Die Oberhand auch in schwierigen Zeiten behalten
Das Gesetz ermöglicht Unternehmern selbst, das heißt in Eigenverwaltung ihr Unternehmen zu sanieren. „Dies ist von erheblicher Bedeutung, da viele Unternehmer, die eben Gesellschafter und Geschäftsführer sind, den Kontroll- und Eigentumsverlust bei einer Insolvenz fürchten“, erklärt Oliver Heckemann, Leiter des IHK-Geschäftsfeldes Recht / Fair Play. Bislang waren diese Befürchtungen auch durchaus gerechtfertigt. In Zukunft sind sie es nicht mehr, wenn der Unternehmer frühzeitig - in jedem Fall schon bei drohender Zahlungsunfähigkeit - agiert und mit einem Profi ein Sanierungskonzept erarbeitet. Das neue Gesetz bietet für solche Fälle sogar einen Schutzschirm an, das heißt der Unternehmer kann mit den wichtigen Gläubigergruppen sein Sanierungskonzept ausarbeiten, ohne Vollstreckungsmaßnahmen fürchten zu müssen.

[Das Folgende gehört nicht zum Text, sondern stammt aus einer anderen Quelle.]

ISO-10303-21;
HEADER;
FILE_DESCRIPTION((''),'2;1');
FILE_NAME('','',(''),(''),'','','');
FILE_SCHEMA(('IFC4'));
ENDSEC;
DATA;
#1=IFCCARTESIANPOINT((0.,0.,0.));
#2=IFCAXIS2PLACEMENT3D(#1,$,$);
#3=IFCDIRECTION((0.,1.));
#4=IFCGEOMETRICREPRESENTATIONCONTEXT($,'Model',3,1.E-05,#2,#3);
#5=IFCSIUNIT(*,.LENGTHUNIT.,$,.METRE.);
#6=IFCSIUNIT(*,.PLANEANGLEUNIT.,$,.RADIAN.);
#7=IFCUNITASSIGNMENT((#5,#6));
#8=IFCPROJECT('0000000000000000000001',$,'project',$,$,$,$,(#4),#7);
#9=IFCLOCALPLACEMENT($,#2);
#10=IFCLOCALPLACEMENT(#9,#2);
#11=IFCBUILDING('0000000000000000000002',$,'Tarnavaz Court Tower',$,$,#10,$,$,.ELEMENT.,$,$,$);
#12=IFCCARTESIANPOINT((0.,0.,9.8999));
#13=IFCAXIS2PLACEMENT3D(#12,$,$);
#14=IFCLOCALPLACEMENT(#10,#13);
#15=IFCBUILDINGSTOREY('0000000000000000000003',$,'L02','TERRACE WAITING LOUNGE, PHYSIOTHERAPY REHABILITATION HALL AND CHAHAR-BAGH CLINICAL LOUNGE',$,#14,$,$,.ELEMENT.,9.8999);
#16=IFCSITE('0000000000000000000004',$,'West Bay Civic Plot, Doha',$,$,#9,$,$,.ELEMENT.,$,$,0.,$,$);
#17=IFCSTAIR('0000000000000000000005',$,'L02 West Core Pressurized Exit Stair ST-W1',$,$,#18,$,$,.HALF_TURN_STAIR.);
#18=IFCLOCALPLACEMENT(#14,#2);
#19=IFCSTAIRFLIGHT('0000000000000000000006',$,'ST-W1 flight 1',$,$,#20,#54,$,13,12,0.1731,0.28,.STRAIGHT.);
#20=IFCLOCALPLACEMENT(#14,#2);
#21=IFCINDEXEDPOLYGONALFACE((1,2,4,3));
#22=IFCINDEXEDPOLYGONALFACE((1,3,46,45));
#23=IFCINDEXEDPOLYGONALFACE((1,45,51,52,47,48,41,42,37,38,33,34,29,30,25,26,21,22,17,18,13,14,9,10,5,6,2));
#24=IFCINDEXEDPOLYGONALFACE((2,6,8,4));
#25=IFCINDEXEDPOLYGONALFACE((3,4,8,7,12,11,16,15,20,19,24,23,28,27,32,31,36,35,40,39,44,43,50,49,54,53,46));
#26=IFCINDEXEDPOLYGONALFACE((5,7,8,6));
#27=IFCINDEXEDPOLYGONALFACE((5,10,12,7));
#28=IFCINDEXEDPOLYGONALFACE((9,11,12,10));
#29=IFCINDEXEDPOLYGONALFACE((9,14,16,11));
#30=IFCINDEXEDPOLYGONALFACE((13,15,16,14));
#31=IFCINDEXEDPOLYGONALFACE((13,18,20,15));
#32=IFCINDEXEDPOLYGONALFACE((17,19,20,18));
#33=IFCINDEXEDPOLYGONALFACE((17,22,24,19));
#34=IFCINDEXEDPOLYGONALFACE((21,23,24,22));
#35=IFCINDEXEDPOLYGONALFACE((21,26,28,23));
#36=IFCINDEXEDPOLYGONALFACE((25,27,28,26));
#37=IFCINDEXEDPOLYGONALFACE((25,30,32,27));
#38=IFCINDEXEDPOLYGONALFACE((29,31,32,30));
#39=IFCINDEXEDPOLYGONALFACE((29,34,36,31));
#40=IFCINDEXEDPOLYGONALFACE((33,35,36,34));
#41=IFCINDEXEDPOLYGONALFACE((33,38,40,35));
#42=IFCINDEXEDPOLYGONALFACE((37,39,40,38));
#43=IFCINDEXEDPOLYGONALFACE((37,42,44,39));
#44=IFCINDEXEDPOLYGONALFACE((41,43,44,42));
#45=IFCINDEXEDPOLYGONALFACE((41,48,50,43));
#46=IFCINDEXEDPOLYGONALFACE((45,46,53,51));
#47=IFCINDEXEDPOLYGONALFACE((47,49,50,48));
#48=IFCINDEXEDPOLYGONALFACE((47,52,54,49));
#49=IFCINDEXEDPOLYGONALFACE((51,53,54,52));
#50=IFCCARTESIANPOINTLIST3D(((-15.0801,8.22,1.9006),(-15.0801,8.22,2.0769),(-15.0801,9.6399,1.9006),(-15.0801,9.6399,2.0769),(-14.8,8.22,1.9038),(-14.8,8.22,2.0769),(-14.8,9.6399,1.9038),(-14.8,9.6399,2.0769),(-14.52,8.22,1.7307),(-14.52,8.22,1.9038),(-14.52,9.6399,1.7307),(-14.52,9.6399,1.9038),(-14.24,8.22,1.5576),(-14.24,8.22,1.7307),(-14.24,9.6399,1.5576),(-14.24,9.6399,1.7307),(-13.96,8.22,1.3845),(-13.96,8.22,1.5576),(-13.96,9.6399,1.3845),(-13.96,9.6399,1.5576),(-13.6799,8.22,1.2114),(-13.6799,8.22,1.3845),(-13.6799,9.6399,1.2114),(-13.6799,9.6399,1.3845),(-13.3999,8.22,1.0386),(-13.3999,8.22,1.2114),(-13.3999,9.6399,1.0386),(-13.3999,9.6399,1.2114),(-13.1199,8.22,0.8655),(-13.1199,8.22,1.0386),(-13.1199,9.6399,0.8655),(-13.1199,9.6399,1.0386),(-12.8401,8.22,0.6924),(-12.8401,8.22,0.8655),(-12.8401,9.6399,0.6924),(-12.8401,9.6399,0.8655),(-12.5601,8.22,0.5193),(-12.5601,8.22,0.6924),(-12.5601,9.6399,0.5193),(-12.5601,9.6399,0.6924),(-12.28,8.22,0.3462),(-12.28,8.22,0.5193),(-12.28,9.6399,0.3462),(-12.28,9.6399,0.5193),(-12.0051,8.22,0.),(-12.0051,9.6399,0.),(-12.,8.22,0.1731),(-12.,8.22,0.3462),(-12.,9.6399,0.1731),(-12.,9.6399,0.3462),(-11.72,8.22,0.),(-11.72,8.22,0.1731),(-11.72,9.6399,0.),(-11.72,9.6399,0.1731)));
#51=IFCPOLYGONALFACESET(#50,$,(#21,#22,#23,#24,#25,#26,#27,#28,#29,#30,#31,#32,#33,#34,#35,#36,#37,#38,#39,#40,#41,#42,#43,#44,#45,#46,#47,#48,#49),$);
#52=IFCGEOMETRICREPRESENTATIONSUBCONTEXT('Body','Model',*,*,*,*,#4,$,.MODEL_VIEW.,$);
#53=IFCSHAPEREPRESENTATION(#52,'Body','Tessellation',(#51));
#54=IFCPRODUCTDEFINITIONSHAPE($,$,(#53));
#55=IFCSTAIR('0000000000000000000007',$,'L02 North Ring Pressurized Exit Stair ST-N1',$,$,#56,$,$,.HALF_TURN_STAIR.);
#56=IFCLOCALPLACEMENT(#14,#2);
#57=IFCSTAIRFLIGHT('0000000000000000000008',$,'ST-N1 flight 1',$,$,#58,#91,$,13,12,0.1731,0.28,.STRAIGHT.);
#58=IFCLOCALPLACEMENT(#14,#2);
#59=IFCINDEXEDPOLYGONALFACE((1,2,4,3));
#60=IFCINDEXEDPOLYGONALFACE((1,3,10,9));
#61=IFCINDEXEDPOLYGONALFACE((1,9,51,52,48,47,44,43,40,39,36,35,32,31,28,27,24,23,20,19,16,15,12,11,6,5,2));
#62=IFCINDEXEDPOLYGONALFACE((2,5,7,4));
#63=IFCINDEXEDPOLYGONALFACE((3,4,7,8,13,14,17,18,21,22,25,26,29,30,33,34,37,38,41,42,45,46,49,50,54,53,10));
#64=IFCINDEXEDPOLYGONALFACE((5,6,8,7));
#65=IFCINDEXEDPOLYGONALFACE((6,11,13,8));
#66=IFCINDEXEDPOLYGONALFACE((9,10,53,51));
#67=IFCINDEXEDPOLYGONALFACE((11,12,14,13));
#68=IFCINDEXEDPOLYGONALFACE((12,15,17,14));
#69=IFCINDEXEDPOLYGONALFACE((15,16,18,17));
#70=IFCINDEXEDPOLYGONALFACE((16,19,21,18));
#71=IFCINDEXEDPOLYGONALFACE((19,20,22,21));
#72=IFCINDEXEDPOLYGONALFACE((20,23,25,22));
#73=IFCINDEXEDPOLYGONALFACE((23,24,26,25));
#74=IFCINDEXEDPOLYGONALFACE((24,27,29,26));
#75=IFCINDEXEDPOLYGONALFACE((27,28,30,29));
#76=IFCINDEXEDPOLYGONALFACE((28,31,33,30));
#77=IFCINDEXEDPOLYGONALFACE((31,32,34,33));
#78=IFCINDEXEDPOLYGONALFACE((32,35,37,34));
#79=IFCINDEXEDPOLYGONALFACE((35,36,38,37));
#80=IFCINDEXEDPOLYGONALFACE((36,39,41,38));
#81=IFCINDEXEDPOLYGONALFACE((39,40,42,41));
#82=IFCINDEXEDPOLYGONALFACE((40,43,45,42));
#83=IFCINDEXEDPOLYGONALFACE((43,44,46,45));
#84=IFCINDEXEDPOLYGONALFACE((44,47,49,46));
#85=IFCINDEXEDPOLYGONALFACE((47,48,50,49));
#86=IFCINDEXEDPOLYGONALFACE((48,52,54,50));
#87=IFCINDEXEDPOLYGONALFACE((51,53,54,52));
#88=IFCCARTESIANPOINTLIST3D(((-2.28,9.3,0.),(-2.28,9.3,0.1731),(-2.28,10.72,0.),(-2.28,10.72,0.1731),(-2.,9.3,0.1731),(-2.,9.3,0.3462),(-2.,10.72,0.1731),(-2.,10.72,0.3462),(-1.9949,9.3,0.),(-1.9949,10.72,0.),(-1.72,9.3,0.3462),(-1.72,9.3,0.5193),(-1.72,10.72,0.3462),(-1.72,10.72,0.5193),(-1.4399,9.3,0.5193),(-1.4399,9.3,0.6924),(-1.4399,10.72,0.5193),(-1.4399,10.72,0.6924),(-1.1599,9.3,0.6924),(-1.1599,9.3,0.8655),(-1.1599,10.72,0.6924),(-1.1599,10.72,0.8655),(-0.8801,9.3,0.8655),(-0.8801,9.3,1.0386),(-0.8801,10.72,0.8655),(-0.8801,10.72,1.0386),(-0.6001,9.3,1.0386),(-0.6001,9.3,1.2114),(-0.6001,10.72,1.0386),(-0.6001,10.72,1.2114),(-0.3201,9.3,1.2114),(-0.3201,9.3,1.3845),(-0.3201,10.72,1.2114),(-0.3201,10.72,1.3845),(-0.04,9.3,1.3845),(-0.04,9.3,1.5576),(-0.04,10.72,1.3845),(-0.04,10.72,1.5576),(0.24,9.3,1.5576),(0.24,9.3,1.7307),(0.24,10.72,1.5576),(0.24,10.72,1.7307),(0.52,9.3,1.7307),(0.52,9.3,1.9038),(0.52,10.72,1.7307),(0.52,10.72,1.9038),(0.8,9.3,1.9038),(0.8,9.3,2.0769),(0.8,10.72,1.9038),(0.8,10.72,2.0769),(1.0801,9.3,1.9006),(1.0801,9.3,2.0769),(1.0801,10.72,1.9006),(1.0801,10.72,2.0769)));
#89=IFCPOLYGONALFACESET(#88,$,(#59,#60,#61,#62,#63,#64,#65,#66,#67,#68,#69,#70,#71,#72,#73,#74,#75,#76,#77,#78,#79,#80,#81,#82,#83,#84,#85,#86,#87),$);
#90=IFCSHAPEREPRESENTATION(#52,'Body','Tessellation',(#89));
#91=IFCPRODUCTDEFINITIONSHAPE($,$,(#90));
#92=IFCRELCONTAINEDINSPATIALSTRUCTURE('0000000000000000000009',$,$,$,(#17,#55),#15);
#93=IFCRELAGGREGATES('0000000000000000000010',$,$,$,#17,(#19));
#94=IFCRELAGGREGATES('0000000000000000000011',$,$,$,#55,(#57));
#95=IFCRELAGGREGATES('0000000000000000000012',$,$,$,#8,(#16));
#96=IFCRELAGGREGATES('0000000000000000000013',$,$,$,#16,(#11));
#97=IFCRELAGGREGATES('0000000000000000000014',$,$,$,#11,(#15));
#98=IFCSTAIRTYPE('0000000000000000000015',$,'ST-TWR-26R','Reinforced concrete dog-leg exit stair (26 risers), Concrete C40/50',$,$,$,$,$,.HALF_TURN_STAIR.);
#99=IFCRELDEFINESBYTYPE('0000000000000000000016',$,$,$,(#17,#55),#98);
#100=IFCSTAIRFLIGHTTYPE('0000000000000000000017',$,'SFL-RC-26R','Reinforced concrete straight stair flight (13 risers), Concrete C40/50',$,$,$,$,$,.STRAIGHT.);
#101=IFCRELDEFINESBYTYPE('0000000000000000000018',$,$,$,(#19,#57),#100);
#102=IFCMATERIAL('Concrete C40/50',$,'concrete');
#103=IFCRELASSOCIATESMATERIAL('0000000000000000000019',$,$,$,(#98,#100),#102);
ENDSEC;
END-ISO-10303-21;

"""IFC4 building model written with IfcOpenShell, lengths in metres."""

from ifc_helpers import new_model, si_unit, direction, frame, origin, place, context, subcontext, project, spatial, polyline, outline, extrude, material, type_object, element, aggregate, save


model = new_model("IFC4")

# Units and contexts
model_context = context("Model", 3, precision=1e-05, world=origin(), true_north=direction((0.0, 1.0)))
body_context = subcontext(model_context, "Body", "Model", "MODEL_VIEW")
ifc_project = project(units=[si_unit("LENGTHUNIT", "METRE"), si_unit("PLANEANGLEUNIT", "RADIAN")], contexts=[model_context])

# Site, building, storey
site_placement = place(None, origin())
site = spatial("IfcSite", under=ifc_project, at=site_placement, Name="West Bay Civic Plot, Doha", CompositionType="ELEMENT", RefElevation=0.0)
building_placement = place(site_placement, origin())
building = spatial("IfcBuilding", under=site, at=building_placement, Name="Tarnavaz Court Tower", CompositionType="ELEMENT")
storey_placement = place(building_placement, frame((0.0, 0.0, 9.8999)))
storey = spatial("IfcBuildingStorey", under=building, at=storey_placement, Name="L02", Description="TERRACE WAITING LOUNGE, PHYSIOTHERAPY REHABILITATION HALL AND CHAHAR-BAGH CLINICAL LOUNGE", CompositionType="ELEMENT", Elevation=9.8999)

# Stairs, stair flights
ifc_material_1 = material(Name="Concrete C40/50", Category="concrete")
stair_type = type_object("IfcStairType", Name="ST-TWR-26R", Description="Reinforced concrete dog-leg exit stair (26 risers), Concrete C40/50", PredefinedType="HALF_TURN_STAIR", material=ifc_material_1)
stair_1_placement = place(storey_placement, origin())
stair_1 = element("IfcStair", 1, at=stair_1_placement, inside=storey, type_object=stair_type, Name="L02 West Core Pressurized Exit Stair ST-W1", PredefinedType="HALF_TURN_STAIR")
stair_flight_type = type_object("IfcStairFlightType", Name="SFL-RC-26R", Description="Reinforced concrete straight stair flight (13 risers), Concrete C40/50", PredefinedType="STRAIGHT", material=ifc_material_1)
stair_flight_1_placement = place(storey_placement, frame((-11.72, 8.9299, 0.0), z_axis=(0.0, 0.0, 1.0), x_axis=(-1.0, 0.0, 0.0)))
stair_flight_1 = element("IfcStairFlight", 2, at=stair_flight_1_placement, type_object=stair_flight_type, Name="ST-W1 flight 1", NumberOfRisers=13, NumberOfTreads=12, PredefinedType="STRAIGHT", RiserHeight=0.1731, TreadLength=0.28, context=body_context, shape_type="SweptSolid", body=[
    extrude(outline(polyline([(0.0, 0.0), (0.0, 0.1731), (0.28, 0.1731), (0.28, 0.3462), (0.5601, 0.3462), (0.5601, 0.5193), (0.8401, 0.5193), (0.8401, 0.6924), (1.1201, 0.6924), (1.1201, 0.8655), (1.3999, 0.8655), (1.3999, 1.0386), (1.6799, 1.0386), (1.6799, 1.2114), (1.96, 1.2114), (1.96, 1.3845), (2.24, 1.3845), (2.24, 1.5576), (2.52, 1.5576), (2.52, 1.7307), (2.8, 1.7307), (2.8, 1.9038), (3.0801, 1.9038), (3.0801, 2.0769), (3.3601, 2.0769), (3.3601, 2.25), (3.3601, 1.9006), (0.2852, 0.0), (0.0, 0.0)])), frame((0.0, 0.71, 0.0), z_axis=(0.0, -1.0, 0.0), x_axis=(1.0, 0.0, 0.0)), (0.0, 0.0, 1.0), 1.4199),
])
aggregate(stair_1, [stair_flight_1])
stair_2_placement = place(storey_placement, origin())
stair_2 = element("IfcStair", 3, at=stair_2_placement, inside=storey, type_object=stair_type, Name="L02 North Ring Pressurized Exit Stair ST-N1", PredefinedType="HALF_TURN_STAIR")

Insolvenzpläne lohnen sich für Alle
„Wenn der Unternehmer alles richtig macht, geht er zukünftig mit seinem - gemeinsam mit einem insolvenzerfahrenen Berater - vorbereiteten Insolvenzplan zu Gericht und stellt einen Antrag auf Eigenverwaltung. Das Gericht wird diesem Antrag dann – anders als in der Vergangenheit – in der Regel zustimmen“, erläutert Heckemann. Und er fügt hinzu: „Das wird auch für die Gläubiger das Beste sein. Bisher erhalten diese meist nicht mehr als fünf Euro von hundert Euro zurück. Bei Insolvenzplänen erhalten die Gläubiger dagegen in der Regel zwanzig Euro und mehr zurück.